Find great deals for NEW Schwinn Phantom Mens 27.5-inch Aluminum Medium Frame Cruiser Bike-Black. Shop with confidence on eBay!



					www.ebay.com


----------



## Freqman1 (Jan 22, 2020)

Ignaz is rolling over...


----------



## Sevenhills1952 (Jan 22, 2020)

I don't see it on Schwinn's site, so it seems weird to me. They do have this one not called a Phantom...

Classic Deluxe 7
MEN'S 26 IN CRUISER BICYCLE




Sent from my SM-S320VL using Tapatalk


----------



## CURTIS L LINDGREN (Jan 22, 2020)

Sorry........................Can't Talk........................Throwing up .........................


----------



## GTs58 (Jan 22, 2020)

Is that a TOC piece?


----------



## vincev (Jan 22, 2020)

GTs58 said:


> Is that a TOC piece?



Yes it is but not the century we collectors want.lol


----------



## Krakatoa (Jan 22, 2020)

Yeah Colson knew when to pack it up and just concentrate on caster wheels!!


----------



## abe lugo (Jan 22, 2020)

Mike. But is has a ‘20’s long gooseneck.  Maybe is compatible with a Colson?


----------



## rennfaron (Jan 22, 2020)

Amazon.com: Schwinn Phantom Urban Cruiser Bike, 27.5-Inch Wheels, 19.5-Inch Frame: Sports & Outdoors
					

Amazon.com: Schwinn Phantom Urban Cruiser Bike, 27.5-Inch Wheels, 19.5-Inch Frame: Sports & Outdoors



					www.amazon.com
				




Shown on Amazon, sold by: Schwinn
$467.66


----------



## fordmike65 (Jan 22, 2020)

rennfaron said:


> Amazon.com: Schwinn Phantom Urban Cruiser Bike, 27.5-Inch Wheels, 19.5-Inch Frame: Sports & Outdoors
> 
> 
> Amazon.com: Schwinn Phantom Urban Cruiser Bike, 27.5-Inch Wheels, 19.5-Inch Frame: Sports & Outdoors
> ...



$224 on eBay link posted above w/local pick up.


----------



## kreika (Jan 22, 2020)

Large retro double top tube. Yup...phantom all the way.


----------



## kreika (Jan 22, 2020)

Shoulda just called this an Aerocycle then.


----------



## GTs58 (Jan 22, 2020)

It's stated that thing weighs 50 lbs!!  Good gawd, a lead turd.


----------



## SKPC (Jan 23, 2020)

Hey, it's got white tires too!  Made somewhere else for easy-button americans.


----------



## THE STIG (Jan 23, 2020)

.. It's vintage dude


----------



## Frank and Pam Skid Kings (Jan 23, 2020)
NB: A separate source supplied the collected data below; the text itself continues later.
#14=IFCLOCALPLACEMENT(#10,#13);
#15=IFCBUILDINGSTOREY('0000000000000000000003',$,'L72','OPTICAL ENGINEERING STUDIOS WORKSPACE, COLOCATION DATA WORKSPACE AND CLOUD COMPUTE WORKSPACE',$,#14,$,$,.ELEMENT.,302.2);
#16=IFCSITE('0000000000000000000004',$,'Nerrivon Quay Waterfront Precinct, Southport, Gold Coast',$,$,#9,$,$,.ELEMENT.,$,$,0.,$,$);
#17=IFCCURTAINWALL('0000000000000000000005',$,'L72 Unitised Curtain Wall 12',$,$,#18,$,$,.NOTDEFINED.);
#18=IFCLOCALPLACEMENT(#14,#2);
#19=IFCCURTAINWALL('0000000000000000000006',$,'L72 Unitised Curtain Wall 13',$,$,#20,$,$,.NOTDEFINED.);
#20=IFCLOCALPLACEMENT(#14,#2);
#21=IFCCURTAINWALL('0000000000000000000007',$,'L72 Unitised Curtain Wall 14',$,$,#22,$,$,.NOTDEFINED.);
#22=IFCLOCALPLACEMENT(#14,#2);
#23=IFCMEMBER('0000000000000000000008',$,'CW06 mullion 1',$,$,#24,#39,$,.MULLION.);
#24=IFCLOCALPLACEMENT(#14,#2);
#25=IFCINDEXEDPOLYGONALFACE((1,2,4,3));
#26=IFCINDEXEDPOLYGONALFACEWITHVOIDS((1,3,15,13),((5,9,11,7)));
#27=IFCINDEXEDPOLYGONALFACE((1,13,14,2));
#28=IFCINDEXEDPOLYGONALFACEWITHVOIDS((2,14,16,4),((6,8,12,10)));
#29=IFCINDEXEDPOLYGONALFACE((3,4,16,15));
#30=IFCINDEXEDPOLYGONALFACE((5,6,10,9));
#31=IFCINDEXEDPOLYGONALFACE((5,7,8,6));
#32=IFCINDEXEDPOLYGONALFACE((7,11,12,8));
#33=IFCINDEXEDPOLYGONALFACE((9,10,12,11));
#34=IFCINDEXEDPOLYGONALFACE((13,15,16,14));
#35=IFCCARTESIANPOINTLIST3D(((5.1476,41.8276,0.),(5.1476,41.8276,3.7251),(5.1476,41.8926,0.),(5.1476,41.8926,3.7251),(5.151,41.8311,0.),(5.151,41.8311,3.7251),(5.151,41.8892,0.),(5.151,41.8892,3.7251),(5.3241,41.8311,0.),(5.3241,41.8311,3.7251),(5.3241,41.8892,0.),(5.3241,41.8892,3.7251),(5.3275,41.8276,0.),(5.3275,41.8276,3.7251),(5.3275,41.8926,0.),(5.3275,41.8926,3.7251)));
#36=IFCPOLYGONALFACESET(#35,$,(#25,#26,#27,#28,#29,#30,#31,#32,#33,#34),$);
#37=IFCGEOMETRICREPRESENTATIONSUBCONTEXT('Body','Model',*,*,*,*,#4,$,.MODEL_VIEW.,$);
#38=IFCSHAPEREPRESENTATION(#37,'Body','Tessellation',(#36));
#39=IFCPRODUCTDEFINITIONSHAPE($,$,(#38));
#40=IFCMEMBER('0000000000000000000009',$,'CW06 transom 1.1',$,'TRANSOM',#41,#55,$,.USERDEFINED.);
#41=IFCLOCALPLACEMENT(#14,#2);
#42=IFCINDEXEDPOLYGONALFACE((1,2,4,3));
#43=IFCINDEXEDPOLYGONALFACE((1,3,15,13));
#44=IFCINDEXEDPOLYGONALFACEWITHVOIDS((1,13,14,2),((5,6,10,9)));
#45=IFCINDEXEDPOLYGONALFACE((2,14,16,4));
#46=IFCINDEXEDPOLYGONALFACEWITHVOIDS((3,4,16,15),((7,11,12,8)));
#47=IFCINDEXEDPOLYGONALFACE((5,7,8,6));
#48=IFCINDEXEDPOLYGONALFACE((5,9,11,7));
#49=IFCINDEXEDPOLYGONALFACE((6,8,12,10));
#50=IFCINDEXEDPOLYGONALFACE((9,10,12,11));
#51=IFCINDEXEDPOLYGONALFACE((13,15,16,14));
Vintage is in vogue. Everybody likes classic vintage, but some people can't handle the dedication it takes so they buy the wannabes in whatever market and can still pose. Did you see the mega dollar cars at Barrett Jackson that were "wrapped" to look like original and rusty, but bidders were assured they were new high dollar paint jobs under the wrap. Yep takes all kinds and manufactures will follow the dollars.


----------



## jacob9795 (Jan 23, 2020)

Does the rake or head tube angle look kind of odd?


----------



## abe lugo (Jan 23, 2020)

I noticed that rake also! maybe the fork was put on backwards?
you guys do realize that Schwinn is now a just a name like the late 1800/early 1900's defunct bike companies were bought up and used as Badge names and some of the parts lived on.
Like Victor bicycles I know there are few more, Black Beauty..


----------



## Sevenhills1952 (Jan 23, 2020)

I wished I had 10% of the bicycle knowledge of most everyone here![emoji16]
All I know is I like and appreciate old bikes.
This is unbelievable to me calling this a Phantom. My question though is, and I assume I'm right, this one I found on Schwinn's site...that must be made in China? I guess it's junk?
Thanks!



Sent from my SM-S320VL using Tapatalk


----------



## sccruiser (Jan 24, 2020)

Doesn't look like this O.G Phantom at all.


----------



## Mark Johnston (Jan 24, 2020)

abe lugo said:


> I noticed that rake also! maybe the fork was put on backwards?
> you guys do realize that Schwinn is now a just a name like the late 1800/early 1900's defunct bike companies were bought up and used as Badge names and some of the parts lived on.
> Like Victor bicycles I know there are few more, Black Beauty..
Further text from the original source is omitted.